Does Wasmtime supporting Wasm GC guarantee Kotlin/Wasm memory will always be reclaimed promptly?

No. Wasm GC support means the runtime can manage GC-backed Wasm objects, but reclamation still depends on whether objects are unreachable. If your host keeps roots alive, collection cannot free them.

Why does creating a new Store often fix GC heap out of memory errors?

A fresh Store creates a clean lifetime boundary. When the store is dropped, host-visible roots tied to that store also disappear, allowing all associated guest state to be reclaimed. This is why per-request or per-batch stores often stabilize memory usage.

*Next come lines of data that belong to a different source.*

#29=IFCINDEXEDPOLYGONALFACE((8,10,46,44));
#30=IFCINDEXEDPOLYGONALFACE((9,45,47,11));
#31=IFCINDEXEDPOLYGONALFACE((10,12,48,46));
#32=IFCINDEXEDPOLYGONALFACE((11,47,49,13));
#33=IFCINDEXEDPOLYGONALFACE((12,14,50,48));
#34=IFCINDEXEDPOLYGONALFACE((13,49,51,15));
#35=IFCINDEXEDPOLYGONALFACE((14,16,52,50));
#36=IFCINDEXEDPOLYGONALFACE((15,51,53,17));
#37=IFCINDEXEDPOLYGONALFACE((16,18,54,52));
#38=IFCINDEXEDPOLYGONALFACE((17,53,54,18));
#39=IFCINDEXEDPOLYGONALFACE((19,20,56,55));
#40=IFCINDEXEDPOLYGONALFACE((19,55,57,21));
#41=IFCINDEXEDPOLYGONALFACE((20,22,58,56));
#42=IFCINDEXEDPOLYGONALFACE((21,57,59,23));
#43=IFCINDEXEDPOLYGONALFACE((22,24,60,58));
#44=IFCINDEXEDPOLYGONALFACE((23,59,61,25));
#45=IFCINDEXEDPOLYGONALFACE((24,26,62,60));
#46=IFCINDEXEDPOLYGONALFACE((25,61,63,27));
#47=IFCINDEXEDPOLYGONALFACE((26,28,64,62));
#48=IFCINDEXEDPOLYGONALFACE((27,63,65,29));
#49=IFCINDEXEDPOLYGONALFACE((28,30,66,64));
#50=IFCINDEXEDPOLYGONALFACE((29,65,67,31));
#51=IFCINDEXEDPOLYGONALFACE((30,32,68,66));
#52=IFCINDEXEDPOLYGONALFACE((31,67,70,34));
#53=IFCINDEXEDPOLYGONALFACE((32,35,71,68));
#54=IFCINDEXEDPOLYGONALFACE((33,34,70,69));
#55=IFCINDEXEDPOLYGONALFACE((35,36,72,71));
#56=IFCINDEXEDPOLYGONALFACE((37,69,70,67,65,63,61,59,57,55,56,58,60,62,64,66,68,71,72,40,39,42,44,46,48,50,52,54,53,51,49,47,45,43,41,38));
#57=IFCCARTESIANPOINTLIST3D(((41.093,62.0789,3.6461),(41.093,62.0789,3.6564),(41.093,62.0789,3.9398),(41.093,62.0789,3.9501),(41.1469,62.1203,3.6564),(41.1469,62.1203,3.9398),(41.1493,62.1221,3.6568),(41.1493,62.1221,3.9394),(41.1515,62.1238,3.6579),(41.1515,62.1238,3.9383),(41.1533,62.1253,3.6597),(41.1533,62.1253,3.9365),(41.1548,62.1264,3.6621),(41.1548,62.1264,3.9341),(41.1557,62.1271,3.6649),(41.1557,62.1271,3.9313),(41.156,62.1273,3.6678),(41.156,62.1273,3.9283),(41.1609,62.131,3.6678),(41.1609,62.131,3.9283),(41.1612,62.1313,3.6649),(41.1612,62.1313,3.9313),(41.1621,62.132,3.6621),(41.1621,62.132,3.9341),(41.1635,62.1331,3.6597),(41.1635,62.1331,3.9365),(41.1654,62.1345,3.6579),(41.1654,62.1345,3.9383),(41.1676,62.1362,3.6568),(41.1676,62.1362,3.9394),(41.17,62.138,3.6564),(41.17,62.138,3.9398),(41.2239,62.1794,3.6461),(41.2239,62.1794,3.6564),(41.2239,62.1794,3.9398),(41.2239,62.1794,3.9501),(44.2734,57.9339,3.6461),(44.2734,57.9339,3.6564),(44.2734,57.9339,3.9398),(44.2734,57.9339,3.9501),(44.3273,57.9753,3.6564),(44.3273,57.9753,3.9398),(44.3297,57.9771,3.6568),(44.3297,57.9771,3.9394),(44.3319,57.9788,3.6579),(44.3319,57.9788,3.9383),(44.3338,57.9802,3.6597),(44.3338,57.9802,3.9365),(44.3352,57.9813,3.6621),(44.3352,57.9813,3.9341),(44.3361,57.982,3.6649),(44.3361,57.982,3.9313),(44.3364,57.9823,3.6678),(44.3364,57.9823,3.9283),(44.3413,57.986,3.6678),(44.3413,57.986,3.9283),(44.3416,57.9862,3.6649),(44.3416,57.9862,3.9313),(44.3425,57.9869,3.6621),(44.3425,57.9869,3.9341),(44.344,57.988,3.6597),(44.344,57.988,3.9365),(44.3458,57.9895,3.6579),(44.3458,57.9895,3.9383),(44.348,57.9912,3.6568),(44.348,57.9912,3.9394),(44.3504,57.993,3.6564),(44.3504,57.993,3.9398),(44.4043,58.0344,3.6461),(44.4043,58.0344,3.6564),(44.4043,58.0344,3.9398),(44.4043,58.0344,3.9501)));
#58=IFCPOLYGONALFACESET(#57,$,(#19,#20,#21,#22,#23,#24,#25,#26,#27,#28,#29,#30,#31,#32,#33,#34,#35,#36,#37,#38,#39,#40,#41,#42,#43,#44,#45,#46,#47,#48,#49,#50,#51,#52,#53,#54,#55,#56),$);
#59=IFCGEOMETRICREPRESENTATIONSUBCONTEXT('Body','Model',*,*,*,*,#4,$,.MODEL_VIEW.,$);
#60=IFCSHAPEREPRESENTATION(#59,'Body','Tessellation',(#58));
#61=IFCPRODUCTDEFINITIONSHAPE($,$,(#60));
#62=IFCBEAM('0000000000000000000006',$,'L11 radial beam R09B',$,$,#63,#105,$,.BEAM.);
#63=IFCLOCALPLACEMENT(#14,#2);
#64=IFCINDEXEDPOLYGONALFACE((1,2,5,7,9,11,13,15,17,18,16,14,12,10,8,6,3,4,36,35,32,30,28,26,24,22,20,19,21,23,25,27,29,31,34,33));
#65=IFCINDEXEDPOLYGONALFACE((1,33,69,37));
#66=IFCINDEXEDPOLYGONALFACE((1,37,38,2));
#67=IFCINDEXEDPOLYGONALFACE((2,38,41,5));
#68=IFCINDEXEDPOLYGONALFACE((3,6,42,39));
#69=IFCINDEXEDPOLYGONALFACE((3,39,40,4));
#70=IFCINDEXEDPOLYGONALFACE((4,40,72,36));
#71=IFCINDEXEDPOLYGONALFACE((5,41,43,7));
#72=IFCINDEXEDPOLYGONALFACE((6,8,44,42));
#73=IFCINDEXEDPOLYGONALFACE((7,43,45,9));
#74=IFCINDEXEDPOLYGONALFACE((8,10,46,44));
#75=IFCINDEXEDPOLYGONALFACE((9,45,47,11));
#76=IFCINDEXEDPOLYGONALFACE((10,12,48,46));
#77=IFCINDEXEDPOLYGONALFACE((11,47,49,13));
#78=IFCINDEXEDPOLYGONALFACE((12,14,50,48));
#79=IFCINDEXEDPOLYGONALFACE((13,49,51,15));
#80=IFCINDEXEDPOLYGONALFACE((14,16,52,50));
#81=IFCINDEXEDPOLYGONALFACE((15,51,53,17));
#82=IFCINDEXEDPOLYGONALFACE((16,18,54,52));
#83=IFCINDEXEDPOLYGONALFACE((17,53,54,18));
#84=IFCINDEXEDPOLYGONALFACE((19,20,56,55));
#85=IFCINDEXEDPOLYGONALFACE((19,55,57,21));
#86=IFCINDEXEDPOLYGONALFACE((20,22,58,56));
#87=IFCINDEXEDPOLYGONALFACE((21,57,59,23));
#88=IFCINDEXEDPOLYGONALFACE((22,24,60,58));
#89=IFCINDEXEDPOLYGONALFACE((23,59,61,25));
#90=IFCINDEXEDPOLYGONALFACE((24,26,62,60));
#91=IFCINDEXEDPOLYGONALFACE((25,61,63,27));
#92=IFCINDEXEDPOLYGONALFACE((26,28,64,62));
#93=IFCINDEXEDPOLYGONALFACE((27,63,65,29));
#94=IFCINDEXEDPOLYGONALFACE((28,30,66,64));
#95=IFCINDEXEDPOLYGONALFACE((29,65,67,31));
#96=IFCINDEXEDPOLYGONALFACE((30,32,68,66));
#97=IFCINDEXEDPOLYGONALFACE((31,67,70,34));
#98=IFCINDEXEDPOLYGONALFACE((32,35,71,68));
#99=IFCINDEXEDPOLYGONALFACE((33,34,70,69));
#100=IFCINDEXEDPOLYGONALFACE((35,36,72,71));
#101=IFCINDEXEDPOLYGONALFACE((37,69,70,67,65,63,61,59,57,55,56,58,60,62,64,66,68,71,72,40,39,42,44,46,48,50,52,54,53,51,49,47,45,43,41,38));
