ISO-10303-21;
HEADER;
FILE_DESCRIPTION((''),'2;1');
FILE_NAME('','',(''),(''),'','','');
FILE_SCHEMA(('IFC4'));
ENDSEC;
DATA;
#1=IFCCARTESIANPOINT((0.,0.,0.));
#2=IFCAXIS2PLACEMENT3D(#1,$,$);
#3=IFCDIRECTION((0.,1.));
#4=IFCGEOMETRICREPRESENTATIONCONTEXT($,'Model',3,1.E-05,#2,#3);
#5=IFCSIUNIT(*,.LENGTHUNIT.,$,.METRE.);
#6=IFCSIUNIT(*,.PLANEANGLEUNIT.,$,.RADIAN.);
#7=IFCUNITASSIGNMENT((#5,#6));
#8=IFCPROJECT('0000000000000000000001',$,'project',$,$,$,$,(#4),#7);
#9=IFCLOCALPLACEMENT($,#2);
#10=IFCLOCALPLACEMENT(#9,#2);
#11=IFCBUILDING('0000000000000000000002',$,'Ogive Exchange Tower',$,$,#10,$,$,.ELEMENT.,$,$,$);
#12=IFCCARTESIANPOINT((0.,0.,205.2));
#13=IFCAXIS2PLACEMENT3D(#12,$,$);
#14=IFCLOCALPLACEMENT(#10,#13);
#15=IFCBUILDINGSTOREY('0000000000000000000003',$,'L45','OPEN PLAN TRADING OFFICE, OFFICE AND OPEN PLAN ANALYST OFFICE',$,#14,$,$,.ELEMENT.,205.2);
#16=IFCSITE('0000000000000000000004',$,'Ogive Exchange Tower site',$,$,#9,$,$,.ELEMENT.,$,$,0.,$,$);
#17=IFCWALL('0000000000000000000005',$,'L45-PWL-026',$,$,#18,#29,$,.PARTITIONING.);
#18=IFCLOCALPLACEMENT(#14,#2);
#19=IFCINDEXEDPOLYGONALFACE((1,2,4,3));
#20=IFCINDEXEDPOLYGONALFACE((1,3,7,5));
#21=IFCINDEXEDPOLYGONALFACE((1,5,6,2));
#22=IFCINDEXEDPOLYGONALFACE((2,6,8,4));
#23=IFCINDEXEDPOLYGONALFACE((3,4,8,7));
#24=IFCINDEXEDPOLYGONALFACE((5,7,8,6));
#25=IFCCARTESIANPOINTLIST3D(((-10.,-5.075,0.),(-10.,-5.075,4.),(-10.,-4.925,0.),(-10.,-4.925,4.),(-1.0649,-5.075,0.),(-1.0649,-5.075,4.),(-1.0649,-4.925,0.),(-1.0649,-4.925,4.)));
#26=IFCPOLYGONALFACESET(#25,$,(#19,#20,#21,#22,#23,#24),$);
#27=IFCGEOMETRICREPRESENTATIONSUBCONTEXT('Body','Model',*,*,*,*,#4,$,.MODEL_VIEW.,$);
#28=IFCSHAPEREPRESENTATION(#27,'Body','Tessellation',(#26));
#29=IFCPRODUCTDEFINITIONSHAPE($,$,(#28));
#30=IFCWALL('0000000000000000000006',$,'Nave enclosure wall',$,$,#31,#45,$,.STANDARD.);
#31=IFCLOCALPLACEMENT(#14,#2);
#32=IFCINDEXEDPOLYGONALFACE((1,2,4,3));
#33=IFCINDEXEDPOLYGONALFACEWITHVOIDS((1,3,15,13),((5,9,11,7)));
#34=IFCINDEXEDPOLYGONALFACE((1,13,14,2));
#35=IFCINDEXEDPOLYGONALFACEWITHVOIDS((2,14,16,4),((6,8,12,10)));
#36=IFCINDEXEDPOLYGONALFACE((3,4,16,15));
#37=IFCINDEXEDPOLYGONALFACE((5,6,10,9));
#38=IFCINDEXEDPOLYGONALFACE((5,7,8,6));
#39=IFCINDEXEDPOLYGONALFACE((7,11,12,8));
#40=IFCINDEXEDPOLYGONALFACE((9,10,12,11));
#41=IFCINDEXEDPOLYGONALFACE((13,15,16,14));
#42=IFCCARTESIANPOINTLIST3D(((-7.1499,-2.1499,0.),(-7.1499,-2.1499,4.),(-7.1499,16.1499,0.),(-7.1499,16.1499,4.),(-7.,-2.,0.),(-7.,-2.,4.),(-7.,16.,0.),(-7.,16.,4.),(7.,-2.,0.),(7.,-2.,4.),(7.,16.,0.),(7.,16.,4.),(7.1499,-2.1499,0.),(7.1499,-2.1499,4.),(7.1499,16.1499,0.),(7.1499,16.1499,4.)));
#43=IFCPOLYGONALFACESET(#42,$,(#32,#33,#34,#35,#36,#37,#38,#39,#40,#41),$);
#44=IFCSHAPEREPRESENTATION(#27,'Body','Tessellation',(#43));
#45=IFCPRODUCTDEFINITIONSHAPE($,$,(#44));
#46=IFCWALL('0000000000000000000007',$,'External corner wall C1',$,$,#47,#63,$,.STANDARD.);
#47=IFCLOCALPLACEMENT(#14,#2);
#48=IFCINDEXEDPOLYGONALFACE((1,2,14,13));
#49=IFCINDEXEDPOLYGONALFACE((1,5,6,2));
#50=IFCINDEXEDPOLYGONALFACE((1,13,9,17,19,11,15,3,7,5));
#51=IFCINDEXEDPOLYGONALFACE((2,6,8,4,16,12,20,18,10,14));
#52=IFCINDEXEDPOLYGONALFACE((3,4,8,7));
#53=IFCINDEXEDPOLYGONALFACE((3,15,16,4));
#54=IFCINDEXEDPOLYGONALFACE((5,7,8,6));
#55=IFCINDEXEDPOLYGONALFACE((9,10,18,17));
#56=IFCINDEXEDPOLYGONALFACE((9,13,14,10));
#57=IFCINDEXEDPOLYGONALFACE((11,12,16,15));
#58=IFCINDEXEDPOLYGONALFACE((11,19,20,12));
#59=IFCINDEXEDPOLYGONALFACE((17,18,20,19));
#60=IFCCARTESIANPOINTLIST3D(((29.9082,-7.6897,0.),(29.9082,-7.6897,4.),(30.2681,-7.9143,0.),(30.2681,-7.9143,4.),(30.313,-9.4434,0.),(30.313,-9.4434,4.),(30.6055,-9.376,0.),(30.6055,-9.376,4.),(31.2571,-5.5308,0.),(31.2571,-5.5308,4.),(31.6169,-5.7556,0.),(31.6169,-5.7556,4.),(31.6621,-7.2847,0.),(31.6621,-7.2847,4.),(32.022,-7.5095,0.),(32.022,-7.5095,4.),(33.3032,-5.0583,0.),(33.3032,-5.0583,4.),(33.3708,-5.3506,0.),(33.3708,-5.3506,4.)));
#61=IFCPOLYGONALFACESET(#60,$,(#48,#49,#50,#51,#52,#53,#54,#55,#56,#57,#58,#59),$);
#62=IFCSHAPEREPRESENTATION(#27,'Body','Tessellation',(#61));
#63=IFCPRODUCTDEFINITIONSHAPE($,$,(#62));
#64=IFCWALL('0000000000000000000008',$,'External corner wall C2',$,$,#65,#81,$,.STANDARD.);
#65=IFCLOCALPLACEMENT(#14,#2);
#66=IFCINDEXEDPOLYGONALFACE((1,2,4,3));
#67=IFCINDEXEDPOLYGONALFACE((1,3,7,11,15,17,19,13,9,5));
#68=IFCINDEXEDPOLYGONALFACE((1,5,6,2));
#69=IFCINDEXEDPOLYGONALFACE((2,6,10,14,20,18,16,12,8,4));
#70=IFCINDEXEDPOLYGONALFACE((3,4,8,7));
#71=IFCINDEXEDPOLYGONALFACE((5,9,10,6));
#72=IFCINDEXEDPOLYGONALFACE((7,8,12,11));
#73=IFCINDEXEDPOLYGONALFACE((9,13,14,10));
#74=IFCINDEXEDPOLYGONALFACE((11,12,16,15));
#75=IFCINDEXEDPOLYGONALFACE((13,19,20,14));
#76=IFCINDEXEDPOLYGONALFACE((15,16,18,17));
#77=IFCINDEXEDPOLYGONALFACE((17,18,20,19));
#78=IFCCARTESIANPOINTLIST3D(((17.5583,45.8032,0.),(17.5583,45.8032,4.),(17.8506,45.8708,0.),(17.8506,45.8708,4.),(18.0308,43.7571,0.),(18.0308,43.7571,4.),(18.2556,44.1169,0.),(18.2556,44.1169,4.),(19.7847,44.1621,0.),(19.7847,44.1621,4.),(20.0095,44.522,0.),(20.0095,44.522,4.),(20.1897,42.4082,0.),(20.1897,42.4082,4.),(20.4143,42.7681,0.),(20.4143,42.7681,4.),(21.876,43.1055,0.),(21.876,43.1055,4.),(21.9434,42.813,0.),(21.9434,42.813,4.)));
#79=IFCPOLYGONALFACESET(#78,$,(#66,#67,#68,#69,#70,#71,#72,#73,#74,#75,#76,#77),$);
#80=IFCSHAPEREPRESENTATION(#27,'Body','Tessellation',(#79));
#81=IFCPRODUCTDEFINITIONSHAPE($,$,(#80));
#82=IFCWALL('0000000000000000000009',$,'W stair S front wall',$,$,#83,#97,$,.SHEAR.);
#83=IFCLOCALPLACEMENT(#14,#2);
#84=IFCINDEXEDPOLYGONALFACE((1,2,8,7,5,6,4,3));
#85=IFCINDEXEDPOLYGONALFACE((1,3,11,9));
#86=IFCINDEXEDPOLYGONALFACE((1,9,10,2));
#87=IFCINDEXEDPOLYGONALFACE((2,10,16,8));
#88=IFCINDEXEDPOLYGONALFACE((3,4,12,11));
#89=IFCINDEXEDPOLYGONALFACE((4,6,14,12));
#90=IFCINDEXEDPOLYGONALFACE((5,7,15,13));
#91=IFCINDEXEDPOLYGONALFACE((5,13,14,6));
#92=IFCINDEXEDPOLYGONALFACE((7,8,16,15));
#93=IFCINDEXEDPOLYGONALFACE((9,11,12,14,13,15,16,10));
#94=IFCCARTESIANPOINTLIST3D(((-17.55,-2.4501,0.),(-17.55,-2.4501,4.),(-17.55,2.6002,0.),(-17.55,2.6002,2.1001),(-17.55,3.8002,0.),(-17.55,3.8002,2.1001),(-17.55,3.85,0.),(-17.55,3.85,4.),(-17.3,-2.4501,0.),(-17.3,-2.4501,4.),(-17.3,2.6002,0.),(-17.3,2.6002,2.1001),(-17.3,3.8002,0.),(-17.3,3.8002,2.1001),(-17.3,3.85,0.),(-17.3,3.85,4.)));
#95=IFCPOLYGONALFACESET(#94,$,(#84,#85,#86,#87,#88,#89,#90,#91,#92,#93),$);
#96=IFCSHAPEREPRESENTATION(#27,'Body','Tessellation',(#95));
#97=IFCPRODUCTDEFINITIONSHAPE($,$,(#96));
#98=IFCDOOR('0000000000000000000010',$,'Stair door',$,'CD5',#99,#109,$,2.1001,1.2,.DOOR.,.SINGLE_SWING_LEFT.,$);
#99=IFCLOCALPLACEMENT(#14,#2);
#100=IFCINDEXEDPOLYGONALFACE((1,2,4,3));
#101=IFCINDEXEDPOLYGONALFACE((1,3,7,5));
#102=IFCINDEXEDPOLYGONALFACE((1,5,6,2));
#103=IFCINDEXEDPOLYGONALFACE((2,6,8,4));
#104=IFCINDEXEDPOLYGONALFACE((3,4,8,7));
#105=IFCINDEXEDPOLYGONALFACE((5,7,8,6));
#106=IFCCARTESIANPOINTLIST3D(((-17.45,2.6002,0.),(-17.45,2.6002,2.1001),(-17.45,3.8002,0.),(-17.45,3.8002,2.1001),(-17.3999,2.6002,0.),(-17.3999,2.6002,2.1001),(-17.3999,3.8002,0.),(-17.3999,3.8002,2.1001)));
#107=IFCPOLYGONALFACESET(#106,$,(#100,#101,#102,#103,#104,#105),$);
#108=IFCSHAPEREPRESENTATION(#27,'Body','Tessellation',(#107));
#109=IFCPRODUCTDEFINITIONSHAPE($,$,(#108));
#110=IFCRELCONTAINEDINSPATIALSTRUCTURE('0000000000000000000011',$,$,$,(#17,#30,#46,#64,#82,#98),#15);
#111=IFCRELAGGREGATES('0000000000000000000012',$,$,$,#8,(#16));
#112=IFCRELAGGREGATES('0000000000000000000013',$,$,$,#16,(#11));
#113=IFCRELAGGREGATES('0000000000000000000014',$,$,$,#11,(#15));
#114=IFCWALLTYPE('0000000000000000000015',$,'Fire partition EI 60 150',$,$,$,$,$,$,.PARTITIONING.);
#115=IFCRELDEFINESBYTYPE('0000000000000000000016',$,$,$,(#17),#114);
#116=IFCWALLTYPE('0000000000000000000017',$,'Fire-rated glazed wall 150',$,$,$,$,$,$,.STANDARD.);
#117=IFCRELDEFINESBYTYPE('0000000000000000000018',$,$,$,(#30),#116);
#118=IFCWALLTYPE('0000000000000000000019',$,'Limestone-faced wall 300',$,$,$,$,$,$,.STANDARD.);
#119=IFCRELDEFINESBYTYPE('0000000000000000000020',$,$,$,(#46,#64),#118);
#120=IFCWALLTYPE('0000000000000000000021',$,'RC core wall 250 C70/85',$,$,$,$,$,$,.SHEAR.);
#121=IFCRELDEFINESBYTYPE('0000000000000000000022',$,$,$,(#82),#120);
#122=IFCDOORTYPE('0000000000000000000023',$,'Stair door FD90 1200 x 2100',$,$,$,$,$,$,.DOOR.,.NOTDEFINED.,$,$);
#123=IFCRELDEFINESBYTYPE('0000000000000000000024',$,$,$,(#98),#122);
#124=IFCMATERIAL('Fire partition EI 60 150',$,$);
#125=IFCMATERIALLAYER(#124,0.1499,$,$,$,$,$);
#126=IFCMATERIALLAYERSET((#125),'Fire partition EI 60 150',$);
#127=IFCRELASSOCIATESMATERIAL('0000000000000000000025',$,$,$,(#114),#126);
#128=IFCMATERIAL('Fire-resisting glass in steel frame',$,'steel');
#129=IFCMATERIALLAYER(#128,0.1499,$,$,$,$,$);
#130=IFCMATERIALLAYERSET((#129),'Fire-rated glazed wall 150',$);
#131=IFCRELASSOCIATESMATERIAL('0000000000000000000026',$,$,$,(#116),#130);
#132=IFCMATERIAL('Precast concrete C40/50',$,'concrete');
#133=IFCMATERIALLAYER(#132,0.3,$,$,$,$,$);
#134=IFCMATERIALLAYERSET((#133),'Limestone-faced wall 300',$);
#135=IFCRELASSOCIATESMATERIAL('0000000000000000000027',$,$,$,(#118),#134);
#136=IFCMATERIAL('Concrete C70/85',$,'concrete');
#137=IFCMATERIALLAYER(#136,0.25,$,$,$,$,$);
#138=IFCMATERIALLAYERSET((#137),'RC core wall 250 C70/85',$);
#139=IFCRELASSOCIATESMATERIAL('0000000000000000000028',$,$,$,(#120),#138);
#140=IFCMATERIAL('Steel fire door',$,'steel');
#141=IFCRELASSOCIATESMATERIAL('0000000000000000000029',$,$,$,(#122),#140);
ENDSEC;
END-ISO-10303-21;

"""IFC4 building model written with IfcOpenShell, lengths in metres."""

from ifc_helpers import new_model, si_unit, direction, frame, frame_2d, origin, place, context, subcontext, project, spatial, polyline, rectangle, outline, extrude, material, layer, layer_set, type_object, element, fill, save


model = new_model("IFC4")

# Units and contexts
model_context = context("Model", 3, precision=1e-05, world=origin(), true_north=direction((0.0, 1.0)))
body_context = subcontext(model_context, "Body", "Model", "MODEL_VIEW")
ifc_project = project(units=[si_unit("LENGTHUNIT", "METRE"), si_unit("PLANEANGLEUNIT", "RADIAN")], contexts=[model_context])

# Site, building, storey
site_placement = place(None, origin())
site = spatial("IfcSite", under=ifc_project, at=site_placement, Name="Ogive Exchange Tower site", CompositionType="ELEMENT", RefElevation=0.0)
building_placement = place(site_placement, origin())
building = spatial("IfcBuilding", under=site, at=building_placement, Name="Ogive Exchange Tower", CompositionType="ELEMENT")
storey_placement = place(building_placement, frame((0.0, 0.0, 205.2)))
storey = spatial("IfcBuildingStorey", under=building, at=storey_placement, Name="L45", Description="OPEN PLAN TRADING OFFICE, OFFICE AND OPEN PLAN ANALYST OFFICE", CompositionType="ELEMENT", Elevation=205.2)

# Walls
ifc_material_1 = material(Name="Fire partition EI 60 150")
ifc_layer_1 = layer(ifc_material_1, 0.1499)
ifc_layer_set_1 = layer_set([ifc_layer_1], Name="Fire partition EI 60 150")
wall_type_1 = type_object("IfcWallType", Name="Fire partition EI 60 150", PredefinedType="PARTITIONING", material=ifc_layer_set_1)
wall_1_placement = place(storey_placement, frame((-1.0649, -5.0, 0.0), z_axis=(0.0, 0.0, 1.0), x_axis=(-1.0, 0.0, 0.0)))
element("IfcWall", 1, at=wall_1_placement, inside=storey, type_object=wall_type_1, Name="L45-PWL-026", PredefinedType="PARTITIONING", context=body_context, shape_type="SweptSolid", body=[
    extrude(rectangle(XDim=8.9351, YDim=0.1499, at=frame_2d((4.4675, 0.0))), origin(), (0.0, 0.0, 1.0), 4.0),
])
ifc_material_2 = material(Name="Fire-resisting glass in steel frame", Category="steel")
ifc_layer_2 = layer(ifc_material_2, 0.1499)
ifc_layer_set_2 = layer_set([ifc_layer_2], Name="Fire-rated glazed wall 150")
wall_type_2 = type_object("IfcWallType", Name="Fire-rated glazed wall 150", PredefinedType="STANDARD", material=ifc_layer_set_2)
wall_2_placement = place(storey_placement, origin())
element("IfcWall", 2, at=wall_2_placement, inside=storey, type_object=wall_type_2, Name="Nave enclosure wall", PredefinedType="STANDARD", context=body_context, shape_type="SweptSolid", body=[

How can I tell whether this is a Wasmtime bug or a host embedding leak?

Build a minimal reproduction with no caching and a short-lived store. If memory stays stable there but grows in your full application, the cause is likely your embedding lifecycle. If the minimal reproduction still fails on a current Wasmtime version, open an issue with the reduced test case and environment details.

The practical takeaway is simple: Wasm GC is reachability-based, not magic. In Kotlin/Wasm embeddings, the most reliable fix for GC heap out of memory is to shorten the lifetime of stores, instances, and exported handles, and to eliminate host-side retention of guest references wherever possible.